The scammer knows that it’s only a numbers game, and it was mathematically inescapable that he’d be left with 250 names on his mailing list out of the original 4,000. If the “lucky” remnant of 250 had been aware of the whole scheme, they’d understand what happened — well, most of them would. Some will probably insist that the scammer had a magic method. Hey — for half of them he actually would be correct yet again. Their faith would be unshakable.
That’s an everyday example of the Survivors’ Fallacy. Those who find themselves at the lucky end of a string of events tend to imagine that their circumstances aren’t due to mere statistics.
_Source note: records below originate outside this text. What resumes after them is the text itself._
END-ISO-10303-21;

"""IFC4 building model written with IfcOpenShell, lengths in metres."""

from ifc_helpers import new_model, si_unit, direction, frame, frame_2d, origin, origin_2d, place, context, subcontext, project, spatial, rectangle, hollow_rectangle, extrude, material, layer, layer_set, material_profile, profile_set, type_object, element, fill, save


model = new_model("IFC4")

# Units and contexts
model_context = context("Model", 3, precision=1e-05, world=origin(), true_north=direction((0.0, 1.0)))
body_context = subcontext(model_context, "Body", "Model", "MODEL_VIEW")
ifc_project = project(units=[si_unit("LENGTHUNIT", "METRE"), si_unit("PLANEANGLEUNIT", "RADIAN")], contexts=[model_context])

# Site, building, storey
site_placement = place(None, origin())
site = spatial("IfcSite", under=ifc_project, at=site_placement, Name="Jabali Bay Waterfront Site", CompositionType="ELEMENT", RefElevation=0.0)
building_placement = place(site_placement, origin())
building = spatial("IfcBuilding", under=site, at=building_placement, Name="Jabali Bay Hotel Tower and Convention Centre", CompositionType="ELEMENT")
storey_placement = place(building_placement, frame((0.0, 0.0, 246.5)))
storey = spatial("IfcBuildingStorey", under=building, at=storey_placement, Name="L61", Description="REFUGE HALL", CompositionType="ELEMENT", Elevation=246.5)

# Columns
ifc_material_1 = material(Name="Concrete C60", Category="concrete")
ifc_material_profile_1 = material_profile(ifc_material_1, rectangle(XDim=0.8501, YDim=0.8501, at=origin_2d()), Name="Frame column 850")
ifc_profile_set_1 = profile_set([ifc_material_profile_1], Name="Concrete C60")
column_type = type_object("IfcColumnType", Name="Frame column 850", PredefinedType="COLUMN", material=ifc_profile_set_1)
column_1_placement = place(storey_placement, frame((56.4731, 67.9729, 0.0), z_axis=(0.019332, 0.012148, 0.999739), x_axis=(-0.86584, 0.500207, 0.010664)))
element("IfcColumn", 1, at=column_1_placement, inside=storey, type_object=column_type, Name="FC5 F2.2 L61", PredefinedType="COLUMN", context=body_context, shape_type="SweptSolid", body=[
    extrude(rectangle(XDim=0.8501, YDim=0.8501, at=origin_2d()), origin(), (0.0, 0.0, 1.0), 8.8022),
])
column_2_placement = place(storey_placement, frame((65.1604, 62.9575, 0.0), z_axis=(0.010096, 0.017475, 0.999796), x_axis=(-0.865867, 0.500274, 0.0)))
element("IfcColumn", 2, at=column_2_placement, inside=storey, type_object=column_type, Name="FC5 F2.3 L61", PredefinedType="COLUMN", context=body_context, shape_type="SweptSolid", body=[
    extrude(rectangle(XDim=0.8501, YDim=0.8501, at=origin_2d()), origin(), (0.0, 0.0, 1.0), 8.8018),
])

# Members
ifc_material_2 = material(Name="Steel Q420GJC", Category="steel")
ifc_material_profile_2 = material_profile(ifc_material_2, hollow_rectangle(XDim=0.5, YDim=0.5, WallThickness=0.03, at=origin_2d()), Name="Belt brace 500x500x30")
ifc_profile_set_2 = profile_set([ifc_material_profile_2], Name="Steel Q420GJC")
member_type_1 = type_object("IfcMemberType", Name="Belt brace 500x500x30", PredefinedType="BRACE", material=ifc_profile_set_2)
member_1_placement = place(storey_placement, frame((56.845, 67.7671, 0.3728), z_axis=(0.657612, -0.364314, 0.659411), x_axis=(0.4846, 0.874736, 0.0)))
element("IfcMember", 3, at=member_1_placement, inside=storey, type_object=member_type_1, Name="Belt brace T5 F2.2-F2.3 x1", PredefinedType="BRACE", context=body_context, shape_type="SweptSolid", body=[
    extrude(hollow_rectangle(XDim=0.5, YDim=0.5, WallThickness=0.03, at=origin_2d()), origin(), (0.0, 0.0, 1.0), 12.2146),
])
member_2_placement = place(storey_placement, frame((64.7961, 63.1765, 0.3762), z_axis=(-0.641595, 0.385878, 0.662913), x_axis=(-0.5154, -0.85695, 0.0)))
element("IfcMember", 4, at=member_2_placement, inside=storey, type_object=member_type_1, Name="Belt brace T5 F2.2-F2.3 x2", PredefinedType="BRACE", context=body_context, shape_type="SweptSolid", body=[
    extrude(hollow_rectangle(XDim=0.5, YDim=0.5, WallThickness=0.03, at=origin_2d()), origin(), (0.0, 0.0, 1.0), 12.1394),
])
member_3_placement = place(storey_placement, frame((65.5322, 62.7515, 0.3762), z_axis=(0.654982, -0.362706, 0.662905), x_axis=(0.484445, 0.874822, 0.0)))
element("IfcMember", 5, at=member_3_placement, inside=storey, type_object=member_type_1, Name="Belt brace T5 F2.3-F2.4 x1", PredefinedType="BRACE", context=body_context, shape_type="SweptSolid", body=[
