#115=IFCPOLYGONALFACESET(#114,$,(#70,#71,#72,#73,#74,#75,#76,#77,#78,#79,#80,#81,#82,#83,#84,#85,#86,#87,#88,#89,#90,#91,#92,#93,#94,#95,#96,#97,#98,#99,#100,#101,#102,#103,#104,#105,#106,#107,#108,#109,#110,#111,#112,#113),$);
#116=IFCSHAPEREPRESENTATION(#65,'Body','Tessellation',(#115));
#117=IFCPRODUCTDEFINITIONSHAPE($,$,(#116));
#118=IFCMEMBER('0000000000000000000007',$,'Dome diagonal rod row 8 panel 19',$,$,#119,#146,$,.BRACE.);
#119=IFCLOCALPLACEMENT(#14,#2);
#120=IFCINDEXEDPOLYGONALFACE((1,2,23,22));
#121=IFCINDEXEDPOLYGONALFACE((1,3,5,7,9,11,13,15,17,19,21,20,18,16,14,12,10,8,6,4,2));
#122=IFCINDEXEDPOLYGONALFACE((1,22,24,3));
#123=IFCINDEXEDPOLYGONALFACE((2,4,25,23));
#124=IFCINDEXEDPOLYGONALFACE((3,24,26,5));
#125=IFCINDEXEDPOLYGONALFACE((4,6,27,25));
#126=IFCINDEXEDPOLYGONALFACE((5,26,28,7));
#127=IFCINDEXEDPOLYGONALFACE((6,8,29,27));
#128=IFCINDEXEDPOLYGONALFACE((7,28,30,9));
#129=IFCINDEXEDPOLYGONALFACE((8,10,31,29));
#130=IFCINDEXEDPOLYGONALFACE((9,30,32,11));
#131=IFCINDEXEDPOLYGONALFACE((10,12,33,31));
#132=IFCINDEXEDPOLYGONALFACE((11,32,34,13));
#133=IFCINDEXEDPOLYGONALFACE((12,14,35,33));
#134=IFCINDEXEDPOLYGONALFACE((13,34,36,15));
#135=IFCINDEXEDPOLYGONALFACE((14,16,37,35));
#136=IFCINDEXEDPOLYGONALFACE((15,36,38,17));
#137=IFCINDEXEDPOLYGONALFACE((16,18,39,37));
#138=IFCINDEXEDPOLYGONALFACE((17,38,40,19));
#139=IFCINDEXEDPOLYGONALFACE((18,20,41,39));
They think that destiny somehow ordained their good fortune.
We aren’t the first to describe this phenomenon. Wikipedia has an entry for survivorship bias. They say:
Survivorship bias is the logical error of concentrating on the people or things that “survived” some process and inadvertently overlooking those that didn’t because of their lack of visibility. …
Survivorship bias can lead to overly optimistic beliefs because failures are ignored … . It can also lead to the false belief that the successes in a group have some special property, rather than being just lucky.
We see this in the world of business. For every successful product, there are, perhaps, hundreds of others that competed with it but have failed in the marketplace. Yet critics of free enterprise point only at the survivors, imagining that their success is the result of a rigged game. (Sometimes the game is rigged, but ideally that seldom occurs; and when it does, it doesn’t survive for long.)
Another example of this fallacy is often seen whenever someone is the lone survivor of a disaster, like a plane crash. It’s not at all unusual for the survivor to say that “Someone upstairs was looking out for me.” The only difficult thing to understand is why the relatives of those who didn’t survive don’t strangle the arrogant survivor.
In creationism, the belief that a successful group has a special property — being the result of a pre-existing design caused by divine planning — is especially prominent. That belief has been thoroughly debunked, but creationists don’t seem to care.
In Origin of Species, Chapter 3 – Struggle for Existence, Darwin says:
Owing to this struggle for life, any variation, however slight and from whatever cause proceeding, if it be in any degree profitable to an individual of any species, in its infinitely complex relations to other organic beings and to external nature, will tend to the preservation of that individual, and will generally be inherited by its offspring. The offspring, also, will thus have a better chance of surviving, for, of the many individuals of any species which are periodically born, but a small number can survive. I have called this principle, by which each slight variation, if useful, is preserved, by the term of Natural Selection, in order to mark its relation to man’s power of selection.
We behold the face of nature bright with gladness, we often see superabundance of food; we do not see, or we forget, that the birds which are idly singing round us mostly live on insects or seeds, and are thus constantly destroying life; or we forget how largely these songsters, or their eggs, or their nestlings are destroyed by birds and beasts of prey … .
A struggle for existence inevitably follows from the high rate at which all organic beings tend to increase. Every being, which during its natural lifetime produces several eggs or seeds, must suffer destruction during some period of its life, and during some season or occasional year, otherwise, on the principle of geometrical increase, its numbers would quickly become so inordinately great that no country could support the product. … It is the doctrine of Malthus applied with manifold force to the whole animal and vegetable kingdoms … .
So there you are, dear reader. Darwin’s description of life is far more accurate than the warm and cozy feeling that we were supernaturally chosen to be here, but the latter view certainly feels better. It’s up to you — and we’ll understand if you prefer the comforting belief that your existence was ordained by Providence. But if that’s your choice, you may one day learn that reality doesn’t exhibit any sympathy, and the universe may behave contrary to your wishes.